Be careful to minimize the default thread stack size. At least on Linux, the default limit puts severe restrictions on the number of created threads. Linux allocates a chunk of the process virtual address space to the stack (usually 10MB). 300 threads x 10MB stack allocation = 3GB of virtual address space dedicated to stack, and on a 32 bit system you have a 3GB limit. You can probably get away with much less.
Twisted is a perfect fit for this problem. See http://twistedmatrix.com/documents/current/core/howto/clients.html for a tutorial on writing a client.
If you don't mind using alternate Python implmentations, Stackless has light-weight (non-native) threads. The only company I know doing much with it though is CCP--they use it for tasklets in their game on both the client and server. You still need to do async I/O with Stackless because if a thread blocks, the process blocks.

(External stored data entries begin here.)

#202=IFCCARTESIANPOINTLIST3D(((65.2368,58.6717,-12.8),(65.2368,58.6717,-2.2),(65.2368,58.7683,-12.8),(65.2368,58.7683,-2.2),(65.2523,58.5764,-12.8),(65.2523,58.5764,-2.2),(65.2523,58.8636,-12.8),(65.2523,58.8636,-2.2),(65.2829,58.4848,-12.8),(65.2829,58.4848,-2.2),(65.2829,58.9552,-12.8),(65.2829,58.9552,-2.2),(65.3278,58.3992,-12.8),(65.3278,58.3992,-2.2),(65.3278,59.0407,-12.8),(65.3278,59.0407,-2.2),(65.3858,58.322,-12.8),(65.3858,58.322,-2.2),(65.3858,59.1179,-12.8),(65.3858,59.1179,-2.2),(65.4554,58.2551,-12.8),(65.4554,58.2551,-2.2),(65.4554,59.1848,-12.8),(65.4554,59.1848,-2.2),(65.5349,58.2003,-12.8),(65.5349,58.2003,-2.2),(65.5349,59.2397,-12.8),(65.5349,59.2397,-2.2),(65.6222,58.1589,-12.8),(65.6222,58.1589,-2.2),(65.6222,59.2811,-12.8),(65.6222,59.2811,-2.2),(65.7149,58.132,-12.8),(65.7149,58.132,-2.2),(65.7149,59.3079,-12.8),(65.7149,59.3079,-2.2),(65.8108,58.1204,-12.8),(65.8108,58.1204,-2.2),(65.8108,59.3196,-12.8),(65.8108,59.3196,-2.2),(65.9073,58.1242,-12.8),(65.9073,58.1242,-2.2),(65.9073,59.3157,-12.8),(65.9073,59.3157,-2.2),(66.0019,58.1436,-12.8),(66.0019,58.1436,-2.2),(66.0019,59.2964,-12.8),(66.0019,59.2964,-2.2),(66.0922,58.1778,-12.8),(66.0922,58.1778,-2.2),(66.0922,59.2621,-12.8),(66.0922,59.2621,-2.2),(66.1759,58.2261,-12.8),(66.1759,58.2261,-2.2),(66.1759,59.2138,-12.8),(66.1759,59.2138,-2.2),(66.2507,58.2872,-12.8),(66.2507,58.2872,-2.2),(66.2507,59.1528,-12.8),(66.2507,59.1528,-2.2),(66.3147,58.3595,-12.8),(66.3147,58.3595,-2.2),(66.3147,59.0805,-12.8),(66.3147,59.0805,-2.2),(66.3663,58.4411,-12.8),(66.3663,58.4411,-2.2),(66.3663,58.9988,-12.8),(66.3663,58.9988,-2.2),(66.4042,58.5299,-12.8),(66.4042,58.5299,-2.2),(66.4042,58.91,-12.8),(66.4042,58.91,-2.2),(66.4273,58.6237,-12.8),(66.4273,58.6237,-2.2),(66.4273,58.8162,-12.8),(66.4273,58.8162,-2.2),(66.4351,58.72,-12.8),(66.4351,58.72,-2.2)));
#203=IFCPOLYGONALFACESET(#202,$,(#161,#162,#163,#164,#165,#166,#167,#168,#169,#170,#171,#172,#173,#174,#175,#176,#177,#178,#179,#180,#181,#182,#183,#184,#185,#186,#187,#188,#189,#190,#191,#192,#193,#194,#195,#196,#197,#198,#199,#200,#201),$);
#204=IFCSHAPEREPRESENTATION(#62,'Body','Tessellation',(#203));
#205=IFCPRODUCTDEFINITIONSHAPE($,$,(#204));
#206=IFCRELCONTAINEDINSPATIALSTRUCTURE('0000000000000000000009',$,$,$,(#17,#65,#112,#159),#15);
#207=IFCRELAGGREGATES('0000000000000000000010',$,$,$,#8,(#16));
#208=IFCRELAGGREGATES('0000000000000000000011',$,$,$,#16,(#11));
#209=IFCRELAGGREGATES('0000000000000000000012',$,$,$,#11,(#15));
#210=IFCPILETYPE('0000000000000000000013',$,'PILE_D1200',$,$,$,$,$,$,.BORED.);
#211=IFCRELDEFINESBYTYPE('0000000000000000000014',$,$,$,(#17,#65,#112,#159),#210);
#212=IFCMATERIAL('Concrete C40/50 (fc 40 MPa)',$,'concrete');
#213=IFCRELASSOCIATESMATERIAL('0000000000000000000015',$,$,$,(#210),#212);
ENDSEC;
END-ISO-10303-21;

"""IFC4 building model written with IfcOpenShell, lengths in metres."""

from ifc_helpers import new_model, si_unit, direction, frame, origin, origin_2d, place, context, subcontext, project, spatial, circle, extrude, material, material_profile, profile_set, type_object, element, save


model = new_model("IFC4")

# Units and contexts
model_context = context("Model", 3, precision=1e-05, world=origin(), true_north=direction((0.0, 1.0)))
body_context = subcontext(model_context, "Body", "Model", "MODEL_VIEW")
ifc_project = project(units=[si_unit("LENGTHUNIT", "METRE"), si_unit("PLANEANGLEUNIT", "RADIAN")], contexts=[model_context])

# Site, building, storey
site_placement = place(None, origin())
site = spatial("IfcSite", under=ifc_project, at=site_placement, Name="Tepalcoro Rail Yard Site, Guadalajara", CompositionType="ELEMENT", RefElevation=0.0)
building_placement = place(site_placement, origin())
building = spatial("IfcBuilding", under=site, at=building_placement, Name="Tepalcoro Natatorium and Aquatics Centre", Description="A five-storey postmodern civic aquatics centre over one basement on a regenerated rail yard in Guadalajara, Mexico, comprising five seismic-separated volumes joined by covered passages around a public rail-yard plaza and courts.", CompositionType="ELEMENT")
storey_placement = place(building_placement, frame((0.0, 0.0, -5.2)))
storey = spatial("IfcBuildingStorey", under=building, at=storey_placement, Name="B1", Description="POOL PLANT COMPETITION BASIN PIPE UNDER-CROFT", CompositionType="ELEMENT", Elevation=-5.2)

As mentioned in another thread, why do you spawn off a new thread for each single operation? This is a classical producer - consumer problem, isn't it? Depending a bit on how you look at it, the proxy checkers might be comsumers or producers.
Anyway, the solution is to make a "queue" of "tasks" to process, and make the threads in a loop check if there are any more tasks to perform in the queue, and if there isn't, wait a predefined interval, and check again.
You should protect your queue with some locking mechanisms, i.e. semaphores, to prevent race conditions.
It's really not that difficult. But it requires a bit of thinking getting it right. Good luck!